C is now 2 ½ years old, K is 16 months. C has always been an incredible big brother to K, he is seriously the sweetest little boy! But it was not until probably Christmas this past year when they were learned to actually play together. It was not until 4 weeks into quarantine though, that they learned to self-sufficiently play together or even by themselves, without one of us! Now that they do, we actually have time to do a quick round of dishes or switch over the laundry! It’s a beautiful thing! These kids love each other an incredible amount, and they love us too. We are so happy so said yes to K, as these two need each other. These two are constantly giggling and running around together. They dance and sing and make animal noises all day long. They also put everything in their mouth, have tantrums, and get mad at each other over toys hogging. As much as we are tired and could use a date night, we would not to spend this time in quarantine any other way! These two bring us so much joy and laughter to our lives; we are richly blessed because of them!
One of my (Kyle) spiritual disciplines is to keep a prayer journal. They’re my sacred scribble pads. In all honesty, they’re my most prized possessions as they hold a record of my heart throughout the years as well words from God, both promises and revelations. I recently went back to 2019 and looked at the journal around the time of Lil K’s birth and placement in our home:
January 22, 2019 (Lil K’s birthday, written before we knew she was born):
God brought me Mark 9:37;“Whoever welcomes one of these little children in my name welcomes me; and whoever welcomes me does not welcome me but the one who sent me.”

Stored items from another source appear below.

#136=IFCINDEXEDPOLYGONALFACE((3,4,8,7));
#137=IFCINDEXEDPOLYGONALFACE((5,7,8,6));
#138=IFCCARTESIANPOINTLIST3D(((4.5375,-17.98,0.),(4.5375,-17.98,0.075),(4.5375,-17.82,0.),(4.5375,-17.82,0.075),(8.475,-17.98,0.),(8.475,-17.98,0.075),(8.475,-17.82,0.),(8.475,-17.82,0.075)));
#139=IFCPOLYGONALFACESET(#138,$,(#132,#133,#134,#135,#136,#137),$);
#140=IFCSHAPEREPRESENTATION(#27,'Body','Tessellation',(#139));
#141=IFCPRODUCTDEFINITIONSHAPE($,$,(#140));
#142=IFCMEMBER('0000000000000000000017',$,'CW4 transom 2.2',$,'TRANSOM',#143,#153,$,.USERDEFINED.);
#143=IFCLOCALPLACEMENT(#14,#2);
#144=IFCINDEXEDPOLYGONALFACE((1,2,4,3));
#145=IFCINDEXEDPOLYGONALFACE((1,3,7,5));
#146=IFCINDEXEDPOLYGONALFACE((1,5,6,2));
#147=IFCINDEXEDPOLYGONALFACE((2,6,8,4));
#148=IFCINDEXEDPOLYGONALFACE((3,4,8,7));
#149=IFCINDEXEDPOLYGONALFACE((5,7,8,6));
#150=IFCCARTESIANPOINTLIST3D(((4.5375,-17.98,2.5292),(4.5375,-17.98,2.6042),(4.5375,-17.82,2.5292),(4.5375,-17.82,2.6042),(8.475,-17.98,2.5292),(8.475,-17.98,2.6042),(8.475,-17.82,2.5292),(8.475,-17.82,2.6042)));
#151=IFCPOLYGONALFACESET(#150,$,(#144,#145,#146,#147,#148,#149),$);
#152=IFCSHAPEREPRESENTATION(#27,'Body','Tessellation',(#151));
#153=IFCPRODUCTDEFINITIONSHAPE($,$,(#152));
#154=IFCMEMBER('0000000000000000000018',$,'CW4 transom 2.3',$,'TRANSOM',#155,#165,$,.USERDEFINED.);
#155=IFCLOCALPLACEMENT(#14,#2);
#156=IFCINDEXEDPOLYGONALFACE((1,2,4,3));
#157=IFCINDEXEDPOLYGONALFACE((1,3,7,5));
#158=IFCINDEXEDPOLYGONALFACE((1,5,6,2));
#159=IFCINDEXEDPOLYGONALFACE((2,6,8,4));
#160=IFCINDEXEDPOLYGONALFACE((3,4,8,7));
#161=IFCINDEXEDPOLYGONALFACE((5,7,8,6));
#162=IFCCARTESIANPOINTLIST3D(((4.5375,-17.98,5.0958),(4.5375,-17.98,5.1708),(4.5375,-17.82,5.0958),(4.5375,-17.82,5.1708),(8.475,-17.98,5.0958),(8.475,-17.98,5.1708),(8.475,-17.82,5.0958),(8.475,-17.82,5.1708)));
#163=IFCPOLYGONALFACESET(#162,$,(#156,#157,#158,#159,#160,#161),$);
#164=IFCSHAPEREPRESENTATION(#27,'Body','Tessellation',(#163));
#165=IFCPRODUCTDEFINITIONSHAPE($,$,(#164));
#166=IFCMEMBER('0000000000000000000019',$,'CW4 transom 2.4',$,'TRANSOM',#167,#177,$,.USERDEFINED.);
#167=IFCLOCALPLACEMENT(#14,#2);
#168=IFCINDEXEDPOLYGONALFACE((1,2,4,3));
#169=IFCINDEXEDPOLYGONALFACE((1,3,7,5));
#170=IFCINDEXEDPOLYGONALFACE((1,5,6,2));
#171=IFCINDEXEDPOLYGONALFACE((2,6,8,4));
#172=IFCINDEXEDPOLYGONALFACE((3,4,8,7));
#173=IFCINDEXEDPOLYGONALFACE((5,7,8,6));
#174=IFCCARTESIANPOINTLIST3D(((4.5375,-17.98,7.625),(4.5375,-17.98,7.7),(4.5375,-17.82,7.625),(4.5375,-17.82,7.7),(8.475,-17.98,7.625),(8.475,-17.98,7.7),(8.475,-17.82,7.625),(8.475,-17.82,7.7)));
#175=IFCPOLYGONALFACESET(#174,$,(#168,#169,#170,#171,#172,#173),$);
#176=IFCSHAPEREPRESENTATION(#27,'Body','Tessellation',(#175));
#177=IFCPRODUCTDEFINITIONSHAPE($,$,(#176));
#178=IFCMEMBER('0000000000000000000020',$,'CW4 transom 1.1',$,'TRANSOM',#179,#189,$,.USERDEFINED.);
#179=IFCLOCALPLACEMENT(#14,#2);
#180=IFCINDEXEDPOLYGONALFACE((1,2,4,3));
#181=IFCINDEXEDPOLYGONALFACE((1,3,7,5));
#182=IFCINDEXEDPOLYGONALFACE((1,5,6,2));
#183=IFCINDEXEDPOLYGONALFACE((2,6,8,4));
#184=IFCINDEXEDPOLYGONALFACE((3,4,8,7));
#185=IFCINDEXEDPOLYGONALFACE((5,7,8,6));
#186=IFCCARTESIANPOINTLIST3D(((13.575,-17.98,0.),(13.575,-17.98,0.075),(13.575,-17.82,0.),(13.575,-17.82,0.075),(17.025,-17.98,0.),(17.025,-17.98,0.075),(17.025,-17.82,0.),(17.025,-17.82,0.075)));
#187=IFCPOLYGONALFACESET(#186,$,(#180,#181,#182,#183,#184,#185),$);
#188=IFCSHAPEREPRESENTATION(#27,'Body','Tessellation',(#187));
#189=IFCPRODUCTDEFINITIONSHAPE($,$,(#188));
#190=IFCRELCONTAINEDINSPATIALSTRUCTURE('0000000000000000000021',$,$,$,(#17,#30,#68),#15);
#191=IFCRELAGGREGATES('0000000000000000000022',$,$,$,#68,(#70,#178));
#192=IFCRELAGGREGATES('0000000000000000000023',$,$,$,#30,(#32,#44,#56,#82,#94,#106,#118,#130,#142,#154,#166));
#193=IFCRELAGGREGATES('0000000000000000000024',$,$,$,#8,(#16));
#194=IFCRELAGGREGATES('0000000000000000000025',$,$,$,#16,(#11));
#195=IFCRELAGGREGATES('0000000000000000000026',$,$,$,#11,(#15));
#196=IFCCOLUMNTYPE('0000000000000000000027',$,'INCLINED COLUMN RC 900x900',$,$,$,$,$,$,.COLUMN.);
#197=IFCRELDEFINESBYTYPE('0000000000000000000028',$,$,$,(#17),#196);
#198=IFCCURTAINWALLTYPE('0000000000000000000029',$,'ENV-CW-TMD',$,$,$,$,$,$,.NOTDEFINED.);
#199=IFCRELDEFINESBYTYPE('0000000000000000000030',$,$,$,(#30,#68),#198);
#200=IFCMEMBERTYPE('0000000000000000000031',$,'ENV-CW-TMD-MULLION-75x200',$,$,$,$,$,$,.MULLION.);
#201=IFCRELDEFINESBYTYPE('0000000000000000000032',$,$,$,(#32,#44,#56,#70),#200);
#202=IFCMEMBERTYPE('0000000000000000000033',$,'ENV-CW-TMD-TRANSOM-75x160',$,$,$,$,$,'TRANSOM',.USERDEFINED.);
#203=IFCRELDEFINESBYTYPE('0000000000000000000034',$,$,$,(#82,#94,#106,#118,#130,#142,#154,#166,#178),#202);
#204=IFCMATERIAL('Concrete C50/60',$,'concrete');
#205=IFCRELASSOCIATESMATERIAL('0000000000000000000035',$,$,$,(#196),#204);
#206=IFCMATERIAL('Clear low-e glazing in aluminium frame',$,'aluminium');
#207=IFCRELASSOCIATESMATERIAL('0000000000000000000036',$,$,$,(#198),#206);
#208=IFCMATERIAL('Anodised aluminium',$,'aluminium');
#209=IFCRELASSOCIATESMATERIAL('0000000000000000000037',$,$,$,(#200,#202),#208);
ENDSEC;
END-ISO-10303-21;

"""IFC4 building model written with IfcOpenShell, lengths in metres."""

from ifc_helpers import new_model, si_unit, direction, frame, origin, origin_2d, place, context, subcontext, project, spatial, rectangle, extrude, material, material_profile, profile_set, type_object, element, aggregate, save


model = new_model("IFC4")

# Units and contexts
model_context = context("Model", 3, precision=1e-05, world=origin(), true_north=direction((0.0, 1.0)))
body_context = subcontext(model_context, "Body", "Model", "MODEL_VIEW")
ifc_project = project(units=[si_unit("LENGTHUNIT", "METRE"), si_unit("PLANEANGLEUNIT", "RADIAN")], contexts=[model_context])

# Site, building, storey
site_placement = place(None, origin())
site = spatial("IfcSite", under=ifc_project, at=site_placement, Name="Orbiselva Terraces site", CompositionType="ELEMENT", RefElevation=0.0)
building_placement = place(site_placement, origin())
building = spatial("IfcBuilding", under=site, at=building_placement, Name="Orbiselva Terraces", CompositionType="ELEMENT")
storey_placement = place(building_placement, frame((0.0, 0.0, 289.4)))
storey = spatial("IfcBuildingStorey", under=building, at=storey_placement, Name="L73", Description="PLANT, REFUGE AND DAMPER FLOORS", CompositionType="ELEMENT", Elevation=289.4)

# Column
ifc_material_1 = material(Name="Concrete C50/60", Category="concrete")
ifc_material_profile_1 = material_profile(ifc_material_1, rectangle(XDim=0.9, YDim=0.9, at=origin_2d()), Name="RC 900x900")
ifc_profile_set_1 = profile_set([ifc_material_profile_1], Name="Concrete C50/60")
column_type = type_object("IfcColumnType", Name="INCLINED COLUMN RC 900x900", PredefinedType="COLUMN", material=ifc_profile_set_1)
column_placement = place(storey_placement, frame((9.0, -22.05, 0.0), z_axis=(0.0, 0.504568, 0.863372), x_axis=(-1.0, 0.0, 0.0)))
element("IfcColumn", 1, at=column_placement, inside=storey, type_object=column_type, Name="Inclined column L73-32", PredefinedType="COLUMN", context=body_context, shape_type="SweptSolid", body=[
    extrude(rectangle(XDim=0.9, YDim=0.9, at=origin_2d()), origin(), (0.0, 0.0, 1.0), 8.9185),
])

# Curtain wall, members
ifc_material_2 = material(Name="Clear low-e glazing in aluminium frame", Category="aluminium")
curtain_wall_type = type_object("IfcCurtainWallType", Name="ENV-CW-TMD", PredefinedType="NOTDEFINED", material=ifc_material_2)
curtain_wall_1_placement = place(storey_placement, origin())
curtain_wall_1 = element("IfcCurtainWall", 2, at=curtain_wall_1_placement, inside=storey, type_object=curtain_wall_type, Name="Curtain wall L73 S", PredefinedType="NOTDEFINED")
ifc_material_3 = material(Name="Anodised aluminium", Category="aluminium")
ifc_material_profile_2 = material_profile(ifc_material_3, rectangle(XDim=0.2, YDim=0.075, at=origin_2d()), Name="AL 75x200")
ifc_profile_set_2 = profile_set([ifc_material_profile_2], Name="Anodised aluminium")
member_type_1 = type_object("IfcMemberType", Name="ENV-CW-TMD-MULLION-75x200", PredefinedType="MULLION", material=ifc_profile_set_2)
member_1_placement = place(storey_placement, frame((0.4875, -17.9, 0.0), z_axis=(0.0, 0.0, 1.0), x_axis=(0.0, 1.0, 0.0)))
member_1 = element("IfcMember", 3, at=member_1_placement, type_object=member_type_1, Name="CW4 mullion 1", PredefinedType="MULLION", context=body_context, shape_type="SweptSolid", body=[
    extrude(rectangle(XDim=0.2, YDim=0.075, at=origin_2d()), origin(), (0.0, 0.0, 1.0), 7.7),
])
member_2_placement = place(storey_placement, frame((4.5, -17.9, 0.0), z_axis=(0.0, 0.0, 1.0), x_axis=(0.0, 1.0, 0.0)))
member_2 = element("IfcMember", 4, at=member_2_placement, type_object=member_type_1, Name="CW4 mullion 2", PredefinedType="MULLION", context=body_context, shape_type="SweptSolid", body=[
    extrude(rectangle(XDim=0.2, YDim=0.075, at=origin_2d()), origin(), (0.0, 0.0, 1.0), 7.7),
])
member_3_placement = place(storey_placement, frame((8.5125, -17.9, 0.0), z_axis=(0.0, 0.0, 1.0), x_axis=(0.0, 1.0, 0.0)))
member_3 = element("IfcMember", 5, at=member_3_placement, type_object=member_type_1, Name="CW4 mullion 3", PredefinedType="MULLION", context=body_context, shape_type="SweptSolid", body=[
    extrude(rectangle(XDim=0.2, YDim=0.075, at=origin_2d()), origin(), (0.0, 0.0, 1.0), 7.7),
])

Paraphrasing, I have written:
“Receive this child, you receive Jesus”
Another entry from the week of late January 2019:
“God has made everything beautiful on this time. He has set eternity in the hearts of all men…I know that everything God does will endure forever; nothing can be added or taken from it. God does it so that men will fear him” Ecclesiastes 3:15
Paraphrasing, I have written:
Everything beautiful, in its time. Everything eternal, at all times
We are so thankful that God prepared our hearts to receive and welcome Lil K into our home. She is a beautiful masterpiece. The Father’s timing and plan for us all is perfect and is always on time. He is good and He can be trusted.